The Russell 1000 index option contract has an underlying value that is equal to the full value of the level of the Russell 1000 index. The Russell 1000 index option trades under the symbol of RUI and has a contract multiplier of $100.

The RUI index option is an european style option and may only be exercised on the last business day before expiration.Product Name | Symbol | Underlying Value | Contract Multiplier | Exercise Style |

Russell 1000 Options | RUI | Full Value of Russell 1000 | $100 (Full Contract Specs) | European |

If you are bullish on the Russell 1000, you can profit from a rise in its value by buying Russell 1000 (RUI) call options. On the other hand, if you believe that the Russell 1000 index is poised to fall, then RUI put options should be purchased instead.

The following example depict a scenario where you buy a near-money RUI call option in anticipation of a rise in the level of the Russell 1000 index. Note that for simplicity's sake, transaction costs have not been included in the calculations.

You observed that the current level of the Russell 1000 index is 443.49. The RUI is based on the full value of the underlying Russell 1000 index and therefore trades at 443.49. A near-month RUI call option with a nearby strike price of 440 is being priced at $29.57. With a contract multiplier of $100.00, the premium you need to pay to own the call option is thus $2,957.00.

Assuming that by option expiration day, the level of the underlying Russell 1000 index has risen by 15% to 510.01 and correspondingly, the RUI is now trading at 510.01 since it is based on the full value of the underlying Russell 1000 index. With the RUI now significantly higher than the option strike price, your call option is now in the money. By exercising your call option, you will receive a cash settlement amount that is computed using the following formula:

**Cash Settlement Amount = (Difference between Index Settlement Value and the Strike Price) x Contract Multiplier**

So you will receive (510.01 - 440.00) x $100 = $7,001.35 from the option exercise. Deducting the initial premium of $2,957.00 you paid to buy the call option, your net profit from the long call strategy will come to $4,044.35.
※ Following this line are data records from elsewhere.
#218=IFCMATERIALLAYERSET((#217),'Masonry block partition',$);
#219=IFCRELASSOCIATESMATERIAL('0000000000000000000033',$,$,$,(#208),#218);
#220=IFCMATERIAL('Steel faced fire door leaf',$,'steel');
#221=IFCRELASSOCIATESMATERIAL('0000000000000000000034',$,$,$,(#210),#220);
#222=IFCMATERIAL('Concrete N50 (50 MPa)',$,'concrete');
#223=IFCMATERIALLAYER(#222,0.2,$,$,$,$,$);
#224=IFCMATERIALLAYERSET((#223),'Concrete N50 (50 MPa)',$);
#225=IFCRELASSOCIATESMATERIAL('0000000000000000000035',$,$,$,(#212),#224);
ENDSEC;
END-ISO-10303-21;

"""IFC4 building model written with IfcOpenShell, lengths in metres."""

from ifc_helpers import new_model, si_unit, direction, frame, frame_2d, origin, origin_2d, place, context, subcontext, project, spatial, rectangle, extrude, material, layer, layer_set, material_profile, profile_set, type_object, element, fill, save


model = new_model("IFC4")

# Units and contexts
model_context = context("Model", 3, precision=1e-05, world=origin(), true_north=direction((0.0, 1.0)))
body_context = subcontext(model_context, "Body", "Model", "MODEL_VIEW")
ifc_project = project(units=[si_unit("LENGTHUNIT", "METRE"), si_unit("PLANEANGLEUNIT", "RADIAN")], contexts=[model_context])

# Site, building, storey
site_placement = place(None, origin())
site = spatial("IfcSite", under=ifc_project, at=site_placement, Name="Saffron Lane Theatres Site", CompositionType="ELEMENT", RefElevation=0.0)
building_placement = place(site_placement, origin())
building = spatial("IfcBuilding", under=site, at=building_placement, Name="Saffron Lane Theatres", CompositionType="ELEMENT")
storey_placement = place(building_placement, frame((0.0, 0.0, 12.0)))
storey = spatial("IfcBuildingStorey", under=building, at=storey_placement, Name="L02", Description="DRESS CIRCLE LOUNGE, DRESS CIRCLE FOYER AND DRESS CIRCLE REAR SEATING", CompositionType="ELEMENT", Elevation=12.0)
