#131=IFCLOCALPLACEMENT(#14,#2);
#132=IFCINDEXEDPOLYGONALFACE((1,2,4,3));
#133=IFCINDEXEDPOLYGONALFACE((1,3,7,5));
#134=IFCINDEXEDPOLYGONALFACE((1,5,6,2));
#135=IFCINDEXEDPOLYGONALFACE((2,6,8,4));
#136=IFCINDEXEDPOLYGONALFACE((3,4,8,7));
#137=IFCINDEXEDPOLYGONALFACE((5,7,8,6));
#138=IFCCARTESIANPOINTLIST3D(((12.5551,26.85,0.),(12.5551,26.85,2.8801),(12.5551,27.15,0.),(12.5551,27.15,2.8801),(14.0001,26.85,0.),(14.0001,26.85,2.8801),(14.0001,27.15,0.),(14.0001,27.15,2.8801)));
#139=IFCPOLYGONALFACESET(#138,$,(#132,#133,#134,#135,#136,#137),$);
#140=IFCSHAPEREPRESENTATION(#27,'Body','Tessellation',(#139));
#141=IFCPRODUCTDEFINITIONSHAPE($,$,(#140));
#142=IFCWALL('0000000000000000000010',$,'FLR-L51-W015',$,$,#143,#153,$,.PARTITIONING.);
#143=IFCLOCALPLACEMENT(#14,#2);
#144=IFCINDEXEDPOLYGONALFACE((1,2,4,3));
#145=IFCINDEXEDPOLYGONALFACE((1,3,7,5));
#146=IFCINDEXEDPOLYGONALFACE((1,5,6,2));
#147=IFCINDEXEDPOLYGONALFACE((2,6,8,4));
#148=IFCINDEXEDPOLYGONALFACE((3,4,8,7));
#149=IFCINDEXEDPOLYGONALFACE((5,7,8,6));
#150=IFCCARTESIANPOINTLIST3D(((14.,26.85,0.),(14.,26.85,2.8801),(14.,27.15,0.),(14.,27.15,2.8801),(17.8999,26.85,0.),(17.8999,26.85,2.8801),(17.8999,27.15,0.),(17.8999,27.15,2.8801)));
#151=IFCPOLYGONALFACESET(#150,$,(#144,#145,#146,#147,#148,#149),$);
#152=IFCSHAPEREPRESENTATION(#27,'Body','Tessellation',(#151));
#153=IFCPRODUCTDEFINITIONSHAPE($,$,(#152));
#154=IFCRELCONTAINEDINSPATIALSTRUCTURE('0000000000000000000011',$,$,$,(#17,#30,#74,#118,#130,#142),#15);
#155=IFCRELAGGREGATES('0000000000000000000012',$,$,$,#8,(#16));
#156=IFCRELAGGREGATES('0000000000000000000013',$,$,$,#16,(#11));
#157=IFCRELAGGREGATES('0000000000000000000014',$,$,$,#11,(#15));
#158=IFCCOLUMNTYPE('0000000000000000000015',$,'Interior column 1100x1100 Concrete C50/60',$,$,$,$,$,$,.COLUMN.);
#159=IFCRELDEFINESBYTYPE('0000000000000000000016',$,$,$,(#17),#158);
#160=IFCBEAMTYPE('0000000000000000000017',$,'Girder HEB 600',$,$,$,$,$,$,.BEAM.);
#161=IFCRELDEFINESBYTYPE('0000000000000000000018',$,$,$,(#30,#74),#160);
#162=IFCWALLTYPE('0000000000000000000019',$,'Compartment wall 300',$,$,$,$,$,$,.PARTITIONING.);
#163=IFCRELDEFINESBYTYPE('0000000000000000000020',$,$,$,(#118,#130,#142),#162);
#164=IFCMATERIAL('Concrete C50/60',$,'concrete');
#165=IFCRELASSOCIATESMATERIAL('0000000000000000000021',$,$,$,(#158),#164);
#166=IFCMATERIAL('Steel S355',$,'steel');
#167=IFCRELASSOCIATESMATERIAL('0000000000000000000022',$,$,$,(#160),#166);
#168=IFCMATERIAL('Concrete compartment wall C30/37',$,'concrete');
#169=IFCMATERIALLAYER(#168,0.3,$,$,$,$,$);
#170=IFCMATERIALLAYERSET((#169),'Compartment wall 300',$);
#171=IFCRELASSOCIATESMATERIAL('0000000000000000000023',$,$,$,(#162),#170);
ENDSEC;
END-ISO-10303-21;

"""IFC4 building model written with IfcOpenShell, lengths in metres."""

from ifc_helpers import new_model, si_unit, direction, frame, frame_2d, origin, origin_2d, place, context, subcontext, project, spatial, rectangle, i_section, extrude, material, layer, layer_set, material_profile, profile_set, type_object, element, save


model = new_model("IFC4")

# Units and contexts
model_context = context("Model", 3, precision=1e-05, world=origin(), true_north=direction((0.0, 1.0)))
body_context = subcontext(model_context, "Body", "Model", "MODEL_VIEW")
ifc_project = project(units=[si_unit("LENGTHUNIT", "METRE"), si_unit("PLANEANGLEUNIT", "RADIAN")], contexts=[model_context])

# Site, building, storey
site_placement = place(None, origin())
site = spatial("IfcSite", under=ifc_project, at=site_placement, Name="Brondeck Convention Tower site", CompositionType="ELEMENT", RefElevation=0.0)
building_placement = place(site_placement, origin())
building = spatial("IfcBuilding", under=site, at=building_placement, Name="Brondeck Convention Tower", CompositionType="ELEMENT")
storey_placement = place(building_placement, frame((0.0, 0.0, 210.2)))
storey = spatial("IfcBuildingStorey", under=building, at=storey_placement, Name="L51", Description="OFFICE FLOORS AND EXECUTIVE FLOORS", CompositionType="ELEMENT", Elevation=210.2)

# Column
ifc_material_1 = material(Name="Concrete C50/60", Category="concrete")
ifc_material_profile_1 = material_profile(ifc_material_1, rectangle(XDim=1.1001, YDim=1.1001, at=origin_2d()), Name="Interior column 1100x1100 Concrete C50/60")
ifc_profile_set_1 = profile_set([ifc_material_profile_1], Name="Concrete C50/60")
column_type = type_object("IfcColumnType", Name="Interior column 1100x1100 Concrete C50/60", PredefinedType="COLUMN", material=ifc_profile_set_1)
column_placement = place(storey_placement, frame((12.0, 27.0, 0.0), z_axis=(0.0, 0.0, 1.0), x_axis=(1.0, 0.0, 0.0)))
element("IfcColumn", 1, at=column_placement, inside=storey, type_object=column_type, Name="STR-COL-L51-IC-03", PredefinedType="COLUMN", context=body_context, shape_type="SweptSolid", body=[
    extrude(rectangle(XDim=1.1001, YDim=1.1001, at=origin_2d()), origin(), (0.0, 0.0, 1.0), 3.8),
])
Profit on Long RUI 440 Call Option When Russell 1000 at 510.01 | ||

Proceeds from Option Exercise | = | Cash Settlement Amount |

= | (Index Settlement Value - Option Strike Price) x Contract Size | |

= | (510.01 - 440.00) x $100 | |

= | $7,001.35 | |

Investment | = | Initial Premium Paid |

= | $2,957.00 | |

Net Profit | = | Proceeds from Option Exercise - Investment |

= | $7,001.35 - $2,957.00 | |

= | $4,044.35 | |

Return on Investment | = | Net Profit / Investment |

= | 137% |

In practice, it is usually not necessary to exercise the index call option to take profit. You can close out the position by selling the RUI call option in the options market. Proceeds from the option sale will also include any remaining time value if there is still some time left before the option expires.

In the example above, as the option sale is performed on expiration day, there is virtually no time value left. The amount you will receive from the RUI option sale will still be equal to it's intrinsic value.

One notable advantage of the long Russell 1000 call strategy is that the maximum possible loss is limited and is equal to the amount paid to purchase the RUI call option.

Suppose the Russell 1000 index had dropped by 15% instead, pushing the RUI down to 376.97, which is way below the option strike price of 440. Now, in this scenario, it would not make any sense at all to exercise the call option as it will result in additional loss. Fortunately, you are holding an option contract, and not a futures contract, and so you are not obliged to anyway. You can just let the option expire worthless and your total loss will simply be the call option premium of $2,957.00.